2. The HBase bulk load process takes place in two phases:
2.1. Preparation phase
2.1.1. This step is usually done as a map reduce job that extracts the data from the source files and generated KeyValue pairs that will populate the Hfiles. The keyvalues pairs need to be sorted and the map reduce job should be configured to do the sorting on the generated keyvalues
2.1.2. In the case of trafodion one more thing needs to done: data needs to be encoded
2.2. Loading the files into Hbase phase
2.2.1. This step uses the LoadIncremental
3. Integration of Trafodion and Hbase Bulk load.

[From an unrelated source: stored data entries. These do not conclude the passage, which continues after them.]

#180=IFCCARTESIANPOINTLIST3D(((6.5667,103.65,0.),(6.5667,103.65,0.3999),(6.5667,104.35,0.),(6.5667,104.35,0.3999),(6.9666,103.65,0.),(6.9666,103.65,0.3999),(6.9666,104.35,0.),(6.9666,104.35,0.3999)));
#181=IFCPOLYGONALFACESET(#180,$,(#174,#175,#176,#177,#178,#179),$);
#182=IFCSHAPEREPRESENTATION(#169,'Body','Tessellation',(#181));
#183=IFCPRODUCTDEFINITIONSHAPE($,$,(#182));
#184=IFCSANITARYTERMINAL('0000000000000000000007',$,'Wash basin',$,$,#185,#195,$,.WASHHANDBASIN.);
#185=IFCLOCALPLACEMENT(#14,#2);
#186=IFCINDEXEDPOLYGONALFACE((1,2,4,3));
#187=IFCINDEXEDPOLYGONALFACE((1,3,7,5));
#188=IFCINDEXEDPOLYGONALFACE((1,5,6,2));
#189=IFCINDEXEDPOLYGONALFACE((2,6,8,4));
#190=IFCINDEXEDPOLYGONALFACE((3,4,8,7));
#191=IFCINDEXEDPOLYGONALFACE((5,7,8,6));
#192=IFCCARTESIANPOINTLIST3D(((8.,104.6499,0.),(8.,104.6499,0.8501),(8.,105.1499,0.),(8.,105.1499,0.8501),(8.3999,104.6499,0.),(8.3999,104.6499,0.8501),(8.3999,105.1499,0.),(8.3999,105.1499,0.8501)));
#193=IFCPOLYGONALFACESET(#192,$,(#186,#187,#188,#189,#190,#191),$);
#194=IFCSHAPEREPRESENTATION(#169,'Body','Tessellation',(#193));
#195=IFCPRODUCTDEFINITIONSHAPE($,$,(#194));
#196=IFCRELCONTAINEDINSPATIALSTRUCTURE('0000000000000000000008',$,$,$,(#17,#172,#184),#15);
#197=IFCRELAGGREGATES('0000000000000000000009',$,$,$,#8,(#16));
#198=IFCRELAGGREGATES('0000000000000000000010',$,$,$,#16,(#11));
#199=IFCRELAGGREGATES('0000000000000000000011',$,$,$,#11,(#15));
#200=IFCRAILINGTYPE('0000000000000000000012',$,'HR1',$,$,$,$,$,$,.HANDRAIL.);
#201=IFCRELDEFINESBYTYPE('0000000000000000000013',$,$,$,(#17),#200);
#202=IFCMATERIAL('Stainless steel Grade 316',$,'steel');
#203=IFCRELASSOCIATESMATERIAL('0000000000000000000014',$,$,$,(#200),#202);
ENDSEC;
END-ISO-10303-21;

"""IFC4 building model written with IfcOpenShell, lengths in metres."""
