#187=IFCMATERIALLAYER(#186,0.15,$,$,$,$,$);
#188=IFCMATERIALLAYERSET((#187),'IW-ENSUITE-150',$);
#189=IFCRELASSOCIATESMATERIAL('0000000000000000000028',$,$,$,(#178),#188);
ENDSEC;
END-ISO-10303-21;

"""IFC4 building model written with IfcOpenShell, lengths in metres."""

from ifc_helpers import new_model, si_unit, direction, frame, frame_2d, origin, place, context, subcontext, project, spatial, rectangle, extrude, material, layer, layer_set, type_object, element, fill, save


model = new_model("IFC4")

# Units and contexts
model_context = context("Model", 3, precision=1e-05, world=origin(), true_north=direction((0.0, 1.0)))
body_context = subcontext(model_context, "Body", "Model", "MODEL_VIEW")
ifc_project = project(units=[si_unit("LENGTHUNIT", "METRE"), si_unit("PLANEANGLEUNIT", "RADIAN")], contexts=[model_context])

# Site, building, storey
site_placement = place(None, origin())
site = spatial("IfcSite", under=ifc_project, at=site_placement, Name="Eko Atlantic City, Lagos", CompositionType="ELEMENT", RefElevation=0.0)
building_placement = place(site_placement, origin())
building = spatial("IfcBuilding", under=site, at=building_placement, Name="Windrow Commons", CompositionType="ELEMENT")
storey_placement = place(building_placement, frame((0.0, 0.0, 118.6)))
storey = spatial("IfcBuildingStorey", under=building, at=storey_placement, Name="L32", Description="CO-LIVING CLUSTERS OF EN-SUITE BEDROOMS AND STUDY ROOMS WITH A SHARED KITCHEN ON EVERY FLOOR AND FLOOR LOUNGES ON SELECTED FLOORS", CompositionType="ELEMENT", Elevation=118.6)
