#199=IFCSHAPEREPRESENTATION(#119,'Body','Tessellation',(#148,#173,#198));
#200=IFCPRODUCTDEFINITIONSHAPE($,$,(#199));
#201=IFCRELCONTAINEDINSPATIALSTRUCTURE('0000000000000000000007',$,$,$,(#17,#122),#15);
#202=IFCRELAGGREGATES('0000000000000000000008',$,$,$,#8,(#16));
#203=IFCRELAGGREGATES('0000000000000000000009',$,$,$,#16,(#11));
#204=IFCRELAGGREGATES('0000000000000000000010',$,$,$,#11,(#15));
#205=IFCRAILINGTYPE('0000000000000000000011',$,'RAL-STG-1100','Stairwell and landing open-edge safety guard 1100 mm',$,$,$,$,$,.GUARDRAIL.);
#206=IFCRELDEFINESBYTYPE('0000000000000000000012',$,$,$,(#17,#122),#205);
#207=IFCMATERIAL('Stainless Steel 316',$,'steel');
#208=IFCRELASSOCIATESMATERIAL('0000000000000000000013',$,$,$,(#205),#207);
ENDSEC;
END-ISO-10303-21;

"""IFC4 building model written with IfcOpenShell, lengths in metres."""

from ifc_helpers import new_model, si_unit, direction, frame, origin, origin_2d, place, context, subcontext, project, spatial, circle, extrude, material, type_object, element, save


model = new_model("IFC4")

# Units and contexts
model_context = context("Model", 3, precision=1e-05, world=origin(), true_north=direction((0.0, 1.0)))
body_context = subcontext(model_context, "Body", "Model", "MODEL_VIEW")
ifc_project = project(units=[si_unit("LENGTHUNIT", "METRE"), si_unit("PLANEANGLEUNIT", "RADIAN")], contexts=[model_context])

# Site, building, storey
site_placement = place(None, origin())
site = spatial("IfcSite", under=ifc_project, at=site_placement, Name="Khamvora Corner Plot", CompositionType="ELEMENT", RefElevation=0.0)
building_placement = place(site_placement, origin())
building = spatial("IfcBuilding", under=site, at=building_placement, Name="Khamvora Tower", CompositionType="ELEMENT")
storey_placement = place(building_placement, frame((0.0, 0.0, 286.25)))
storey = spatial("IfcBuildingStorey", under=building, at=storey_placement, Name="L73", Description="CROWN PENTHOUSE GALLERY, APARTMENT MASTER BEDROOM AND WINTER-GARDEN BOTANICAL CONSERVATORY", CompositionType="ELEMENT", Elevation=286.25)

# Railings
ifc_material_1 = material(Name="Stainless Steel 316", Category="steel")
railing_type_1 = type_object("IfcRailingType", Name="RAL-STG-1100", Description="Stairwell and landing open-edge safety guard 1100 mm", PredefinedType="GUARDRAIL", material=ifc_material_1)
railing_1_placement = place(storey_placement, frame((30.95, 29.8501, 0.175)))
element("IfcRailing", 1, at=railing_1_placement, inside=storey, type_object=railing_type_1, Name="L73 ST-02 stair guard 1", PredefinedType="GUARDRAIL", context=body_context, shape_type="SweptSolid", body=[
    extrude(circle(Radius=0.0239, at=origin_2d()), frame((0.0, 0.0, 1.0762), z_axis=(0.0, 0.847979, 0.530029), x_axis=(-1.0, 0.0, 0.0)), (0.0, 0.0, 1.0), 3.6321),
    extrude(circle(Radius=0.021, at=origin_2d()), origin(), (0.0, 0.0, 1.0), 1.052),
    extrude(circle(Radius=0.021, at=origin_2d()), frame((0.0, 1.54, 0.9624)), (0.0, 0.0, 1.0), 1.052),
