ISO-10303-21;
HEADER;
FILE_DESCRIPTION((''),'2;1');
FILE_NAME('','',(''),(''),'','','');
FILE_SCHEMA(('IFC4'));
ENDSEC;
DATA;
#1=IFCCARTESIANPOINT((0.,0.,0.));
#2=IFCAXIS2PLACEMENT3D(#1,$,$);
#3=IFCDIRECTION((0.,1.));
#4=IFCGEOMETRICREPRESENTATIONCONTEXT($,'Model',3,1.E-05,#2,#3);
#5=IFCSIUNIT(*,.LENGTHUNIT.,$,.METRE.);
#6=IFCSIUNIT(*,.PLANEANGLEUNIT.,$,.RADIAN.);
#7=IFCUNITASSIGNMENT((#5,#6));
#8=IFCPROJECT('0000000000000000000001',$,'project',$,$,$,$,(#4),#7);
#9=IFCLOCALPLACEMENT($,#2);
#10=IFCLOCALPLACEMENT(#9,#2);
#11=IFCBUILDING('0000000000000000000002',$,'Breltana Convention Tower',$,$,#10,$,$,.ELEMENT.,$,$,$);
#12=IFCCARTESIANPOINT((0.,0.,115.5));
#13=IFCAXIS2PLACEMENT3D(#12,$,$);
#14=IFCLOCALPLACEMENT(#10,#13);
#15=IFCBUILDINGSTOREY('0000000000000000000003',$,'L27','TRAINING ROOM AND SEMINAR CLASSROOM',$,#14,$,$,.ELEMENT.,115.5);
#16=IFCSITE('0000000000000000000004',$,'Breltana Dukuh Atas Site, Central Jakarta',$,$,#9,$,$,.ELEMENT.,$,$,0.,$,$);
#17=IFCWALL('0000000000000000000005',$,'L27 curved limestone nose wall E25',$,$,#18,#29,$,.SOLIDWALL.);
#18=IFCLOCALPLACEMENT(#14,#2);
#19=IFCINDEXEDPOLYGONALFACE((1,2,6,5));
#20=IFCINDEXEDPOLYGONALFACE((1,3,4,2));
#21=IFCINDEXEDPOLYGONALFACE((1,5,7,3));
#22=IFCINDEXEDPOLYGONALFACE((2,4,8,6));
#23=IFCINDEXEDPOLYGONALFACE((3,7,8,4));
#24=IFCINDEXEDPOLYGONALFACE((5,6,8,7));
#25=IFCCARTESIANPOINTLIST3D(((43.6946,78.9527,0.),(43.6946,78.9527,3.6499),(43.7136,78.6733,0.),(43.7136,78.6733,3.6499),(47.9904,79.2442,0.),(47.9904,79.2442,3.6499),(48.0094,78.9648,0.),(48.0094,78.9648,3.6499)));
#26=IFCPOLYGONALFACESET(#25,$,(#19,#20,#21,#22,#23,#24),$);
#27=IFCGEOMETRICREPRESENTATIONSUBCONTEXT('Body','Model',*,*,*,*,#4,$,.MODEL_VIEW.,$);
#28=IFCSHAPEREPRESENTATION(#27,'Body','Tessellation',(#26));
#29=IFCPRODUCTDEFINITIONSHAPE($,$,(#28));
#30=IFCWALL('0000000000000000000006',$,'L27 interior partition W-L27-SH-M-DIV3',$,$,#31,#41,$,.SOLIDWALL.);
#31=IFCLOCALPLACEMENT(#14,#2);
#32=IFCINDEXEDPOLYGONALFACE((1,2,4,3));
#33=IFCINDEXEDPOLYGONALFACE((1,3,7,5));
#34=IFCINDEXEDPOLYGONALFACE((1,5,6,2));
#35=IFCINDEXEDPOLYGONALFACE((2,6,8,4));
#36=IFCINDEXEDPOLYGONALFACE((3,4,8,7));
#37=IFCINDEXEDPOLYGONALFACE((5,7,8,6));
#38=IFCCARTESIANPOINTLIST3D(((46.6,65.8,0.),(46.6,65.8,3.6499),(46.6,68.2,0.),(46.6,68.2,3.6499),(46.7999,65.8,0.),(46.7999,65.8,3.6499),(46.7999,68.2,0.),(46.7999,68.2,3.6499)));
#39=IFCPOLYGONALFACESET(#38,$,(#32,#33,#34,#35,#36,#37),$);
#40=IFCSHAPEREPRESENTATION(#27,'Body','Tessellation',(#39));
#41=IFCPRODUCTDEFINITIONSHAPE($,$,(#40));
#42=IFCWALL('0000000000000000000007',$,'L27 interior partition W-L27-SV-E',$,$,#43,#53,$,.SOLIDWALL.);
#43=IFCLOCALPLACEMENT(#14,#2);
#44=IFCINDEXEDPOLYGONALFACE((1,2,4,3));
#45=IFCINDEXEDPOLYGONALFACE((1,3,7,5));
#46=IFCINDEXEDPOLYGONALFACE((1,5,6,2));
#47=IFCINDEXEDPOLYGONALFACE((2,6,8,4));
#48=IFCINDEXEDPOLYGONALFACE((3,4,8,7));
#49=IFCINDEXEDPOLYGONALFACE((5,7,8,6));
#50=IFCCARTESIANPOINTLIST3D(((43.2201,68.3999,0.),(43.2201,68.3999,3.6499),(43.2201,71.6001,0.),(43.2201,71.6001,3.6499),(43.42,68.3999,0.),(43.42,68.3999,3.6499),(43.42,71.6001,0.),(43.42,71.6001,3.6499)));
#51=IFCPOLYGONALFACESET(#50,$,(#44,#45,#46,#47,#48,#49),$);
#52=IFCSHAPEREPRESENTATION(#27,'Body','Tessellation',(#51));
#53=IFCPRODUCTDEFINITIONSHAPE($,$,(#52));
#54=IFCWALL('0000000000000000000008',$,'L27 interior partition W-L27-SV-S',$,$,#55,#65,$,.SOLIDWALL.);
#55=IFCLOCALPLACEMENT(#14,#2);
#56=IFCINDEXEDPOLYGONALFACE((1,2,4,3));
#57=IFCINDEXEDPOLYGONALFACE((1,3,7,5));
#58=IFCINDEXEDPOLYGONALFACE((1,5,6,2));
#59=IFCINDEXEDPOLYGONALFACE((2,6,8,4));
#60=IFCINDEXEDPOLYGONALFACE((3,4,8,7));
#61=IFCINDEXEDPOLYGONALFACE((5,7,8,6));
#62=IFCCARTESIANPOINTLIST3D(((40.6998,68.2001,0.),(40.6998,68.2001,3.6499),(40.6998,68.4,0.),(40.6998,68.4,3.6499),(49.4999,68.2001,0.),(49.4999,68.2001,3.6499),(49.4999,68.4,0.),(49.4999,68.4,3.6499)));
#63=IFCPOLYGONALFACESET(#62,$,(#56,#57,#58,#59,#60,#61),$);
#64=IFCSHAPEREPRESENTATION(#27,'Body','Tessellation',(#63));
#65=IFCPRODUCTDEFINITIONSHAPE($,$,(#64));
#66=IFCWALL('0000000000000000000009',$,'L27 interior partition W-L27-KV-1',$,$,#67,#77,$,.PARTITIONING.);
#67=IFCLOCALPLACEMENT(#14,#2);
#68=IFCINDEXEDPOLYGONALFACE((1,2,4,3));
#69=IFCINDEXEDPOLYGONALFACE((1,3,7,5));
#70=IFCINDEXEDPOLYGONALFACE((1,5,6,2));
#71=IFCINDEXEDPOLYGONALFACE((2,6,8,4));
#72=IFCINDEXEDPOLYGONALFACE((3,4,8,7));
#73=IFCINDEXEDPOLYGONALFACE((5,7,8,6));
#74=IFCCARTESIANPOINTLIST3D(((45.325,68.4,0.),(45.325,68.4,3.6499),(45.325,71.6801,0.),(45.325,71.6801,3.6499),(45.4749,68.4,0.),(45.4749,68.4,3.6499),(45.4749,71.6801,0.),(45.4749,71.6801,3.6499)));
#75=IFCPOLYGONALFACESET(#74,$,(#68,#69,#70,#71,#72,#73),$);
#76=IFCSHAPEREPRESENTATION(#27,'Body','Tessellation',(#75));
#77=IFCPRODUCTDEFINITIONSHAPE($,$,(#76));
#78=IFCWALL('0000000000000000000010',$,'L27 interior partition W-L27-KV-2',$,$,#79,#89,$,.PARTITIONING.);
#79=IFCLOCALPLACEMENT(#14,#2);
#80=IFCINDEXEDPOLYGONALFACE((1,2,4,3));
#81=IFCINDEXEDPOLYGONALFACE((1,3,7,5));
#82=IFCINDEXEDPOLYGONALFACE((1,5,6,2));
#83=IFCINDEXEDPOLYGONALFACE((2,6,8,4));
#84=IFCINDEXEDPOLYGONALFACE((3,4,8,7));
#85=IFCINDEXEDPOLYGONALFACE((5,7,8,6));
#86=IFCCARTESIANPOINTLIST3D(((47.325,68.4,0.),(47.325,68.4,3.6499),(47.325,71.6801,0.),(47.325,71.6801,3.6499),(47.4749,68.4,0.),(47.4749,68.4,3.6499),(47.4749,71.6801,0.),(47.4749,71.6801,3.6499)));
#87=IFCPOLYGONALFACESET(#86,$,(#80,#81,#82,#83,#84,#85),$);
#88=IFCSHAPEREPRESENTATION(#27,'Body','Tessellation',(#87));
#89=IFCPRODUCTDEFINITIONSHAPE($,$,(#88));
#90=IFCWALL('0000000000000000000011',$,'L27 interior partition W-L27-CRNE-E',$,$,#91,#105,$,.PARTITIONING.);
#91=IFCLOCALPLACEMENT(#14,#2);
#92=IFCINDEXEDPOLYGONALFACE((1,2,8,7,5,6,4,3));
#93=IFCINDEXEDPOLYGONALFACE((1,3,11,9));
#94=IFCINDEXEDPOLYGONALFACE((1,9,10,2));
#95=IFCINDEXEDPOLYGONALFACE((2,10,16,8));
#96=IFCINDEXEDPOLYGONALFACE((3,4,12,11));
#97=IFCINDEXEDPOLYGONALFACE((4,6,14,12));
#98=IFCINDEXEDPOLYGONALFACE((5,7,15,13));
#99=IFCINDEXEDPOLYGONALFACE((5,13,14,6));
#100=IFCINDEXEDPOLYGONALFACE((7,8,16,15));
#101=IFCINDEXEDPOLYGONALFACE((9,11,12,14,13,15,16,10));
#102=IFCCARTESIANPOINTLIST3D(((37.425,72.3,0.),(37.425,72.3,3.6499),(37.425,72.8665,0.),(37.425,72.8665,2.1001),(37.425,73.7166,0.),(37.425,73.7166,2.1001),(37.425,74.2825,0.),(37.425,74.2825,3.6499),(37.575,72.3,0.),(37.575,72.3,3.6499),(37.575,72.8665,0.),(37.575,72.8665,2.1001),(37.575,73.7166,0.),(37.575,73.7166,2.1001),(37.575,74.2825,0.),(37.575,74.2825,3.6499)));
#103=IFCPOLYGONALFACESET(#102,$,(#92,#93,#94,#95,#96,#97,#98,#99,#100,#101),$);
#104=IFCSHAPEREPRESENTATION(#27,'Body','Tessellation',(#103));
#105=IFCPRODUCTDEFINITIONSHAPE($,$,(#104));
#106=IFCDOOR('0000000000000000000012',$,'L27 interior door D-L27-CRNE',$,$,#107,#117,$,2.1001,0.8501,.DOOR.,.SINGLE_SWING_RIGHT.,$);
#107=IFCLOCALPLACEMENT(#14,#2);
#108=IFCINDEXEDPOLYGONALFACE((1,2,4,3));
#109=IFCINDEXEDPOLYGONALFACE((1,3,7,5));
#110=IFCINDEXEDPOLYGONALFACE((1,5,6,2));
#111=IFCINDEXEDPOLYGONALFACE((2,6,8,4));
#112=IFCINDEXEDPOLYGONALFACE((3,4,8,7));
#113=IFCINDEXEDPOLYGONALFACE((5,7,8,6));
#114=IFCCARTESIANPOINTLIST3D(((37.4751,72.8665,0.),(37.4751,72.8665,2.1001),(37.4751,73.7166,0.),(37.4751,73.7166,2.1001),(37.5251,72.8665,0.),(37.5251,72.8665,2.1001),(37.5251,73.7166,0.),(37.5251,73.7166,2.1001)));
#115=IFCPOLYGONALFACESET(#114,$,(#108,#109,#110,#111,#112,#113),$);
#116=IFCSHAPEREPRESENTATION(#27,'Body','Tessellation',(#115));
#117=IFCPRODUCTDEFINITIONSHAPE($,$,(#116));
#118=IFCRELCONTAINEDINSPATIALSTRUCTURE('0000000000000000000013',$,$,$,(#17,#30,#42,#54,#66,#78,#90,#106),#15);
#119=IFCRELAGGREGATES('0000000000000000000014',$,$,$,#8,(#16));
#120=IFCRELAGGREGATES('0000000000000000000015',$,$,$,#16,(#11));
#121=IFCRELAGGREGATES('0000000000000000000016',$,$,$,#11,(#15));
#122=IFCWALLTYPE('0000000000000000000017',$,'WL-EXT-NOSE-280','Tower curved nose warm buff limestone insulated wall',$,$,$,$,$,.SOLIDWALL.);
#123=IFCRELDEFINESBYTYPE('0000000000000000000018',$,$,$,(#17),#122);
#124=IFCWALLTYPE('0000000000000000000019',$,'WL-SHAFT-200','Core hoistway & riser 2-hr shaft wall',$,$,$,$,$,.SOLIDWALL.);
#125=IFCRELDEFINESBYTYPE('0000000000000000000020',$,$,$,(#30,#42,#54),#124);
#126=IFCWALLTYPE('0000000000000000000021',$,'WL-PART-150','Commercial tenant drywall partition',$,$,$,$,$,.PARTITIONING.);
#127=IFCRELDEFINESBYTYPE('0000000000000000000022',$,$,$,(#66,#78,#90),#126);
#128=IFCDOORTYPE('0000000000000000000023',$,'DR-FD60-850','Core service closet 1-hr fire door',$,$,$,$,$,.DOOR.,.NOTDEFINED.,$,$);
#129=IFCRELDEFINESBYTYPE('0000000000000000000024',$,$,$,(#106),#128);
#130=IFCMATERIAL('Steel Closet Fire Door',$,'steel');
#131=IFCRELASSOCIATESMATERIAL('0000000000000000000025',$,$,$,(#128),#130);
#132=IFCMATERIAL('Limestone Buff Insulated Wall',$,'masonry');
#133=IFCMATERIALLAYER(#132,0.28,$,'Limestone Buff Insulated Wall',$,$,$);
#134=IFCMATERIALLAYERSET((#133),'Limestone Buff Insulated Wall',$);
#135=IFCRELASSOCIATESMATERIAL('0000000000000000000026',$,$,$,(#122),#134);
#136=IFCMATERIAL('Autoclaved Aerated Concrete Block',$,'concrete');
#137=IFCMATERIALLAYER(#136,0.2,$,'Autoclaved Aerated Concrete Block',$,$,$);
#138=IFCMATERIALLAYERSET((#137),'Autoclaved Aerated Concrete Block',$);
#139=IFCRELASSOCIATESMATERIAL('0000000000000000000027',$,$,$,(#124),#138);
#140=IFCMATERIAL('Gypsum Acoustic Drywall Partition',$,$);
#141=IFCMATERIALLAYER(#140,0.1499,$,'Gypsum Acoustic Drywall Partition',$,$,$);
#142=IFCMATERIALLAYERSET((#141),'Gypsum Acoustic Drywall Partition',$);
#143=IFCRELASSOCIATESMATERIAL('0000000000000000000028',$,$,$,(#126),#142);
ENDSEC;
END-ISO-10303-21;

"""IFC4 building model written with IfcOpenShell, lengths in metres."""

from ifc_helpers import new_model, si_unit, direction, frame, frame_2d, origin, place, context, subcontext, project, spatial, rectangle, extrude, source, transform, mapped, material, layer, layer_set, type_object, type_shapes, element, fill, save


model = new_model("IFC4")

# Units and contexts
model_context = context("Model", 3, precision=1e-05, world=origin(), true_north=direction((0.0, 1.0)))
body_context = subcontext(model_context, "Body", "Model", "MODEL_VIEW")
ifc_project = project(units=[si_unit("LENGTHUNIT", "METRE"), si_unit("PLANEANGLEUNIT", "RADIAN")], contexts=[model_context])

# Site, building, storey
site_placement = place(None, origin())
site = spatial("IfcSite", under=ifc_project, at=site_placement, Name="Breltana Dukuh Atas Site, Central Jakarta", CompositionType="ELEMENT", RefElevation=0.0)
building_placement = place(site_placement, origin())
building = spatial("IfcBuilding", under=site, at=building_placement, Name="Breltana Convention Tower", CompositionType="ELEMENT")
storey_placement = place(building_placement, frame((0.0, 0.0, 115.5)))
storey = spatial("IfcBuildingStorey", under=building, at=storey_placement, Name="L27", Description="TRAINING ROOM AND SEMINAR CLASSROOM", CompositionType="ELEMENT", Elevation=115.5)

# Shared definitions
ifc_material_1 = material(Name="Steel Closet Fire Door", Category="steel")
door_type_1 = type_object("IfcDoorType", Name="DR-FD60-850", Description="Core service closet 1-hr fire door", OperationType="NOTDEFINED", PredefinedType="DOOR", material=ifc_material_1)
shared_shape_1 = source(origin(), body_context, "Body", "SweptSolid", [
    extrude(rectangle(XDim=0.8501, YDim=2.1001, at=frame_2d((0.425, 1.05))), frame((0.0, 0.0249, 0.0), z_axis=(0.0, -1.0, 0.0), x_axis=(1.0, 0.0, 0.0)), (0.0, 0.0, 1.0), 0.05),
])
type_shapes(door_type_1, [shared_shape_1])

Two approaches were studied
3.1. Approach 1: in this approach, the data preparation is done using Trafodion. Trafodion reads the data from source files in HDFS (hive), does the sort and converts and encodes the data using Trafodion expressions and then produces keyvalue pairs and write them to Hfiles on the hadoop file system directly bypassing the hbase client and the write path. The sort is also done In Trafodion.
3.2. Approach 2 : In this approach, data preparation is done using a custom mapreduce jobs. In this case we may need to replicate the encoding/
3.3.
4. Approach selected
4.1. For now I started implementing Approach 1 and have a working prototype. For approcah2, we can implement it later if we need to.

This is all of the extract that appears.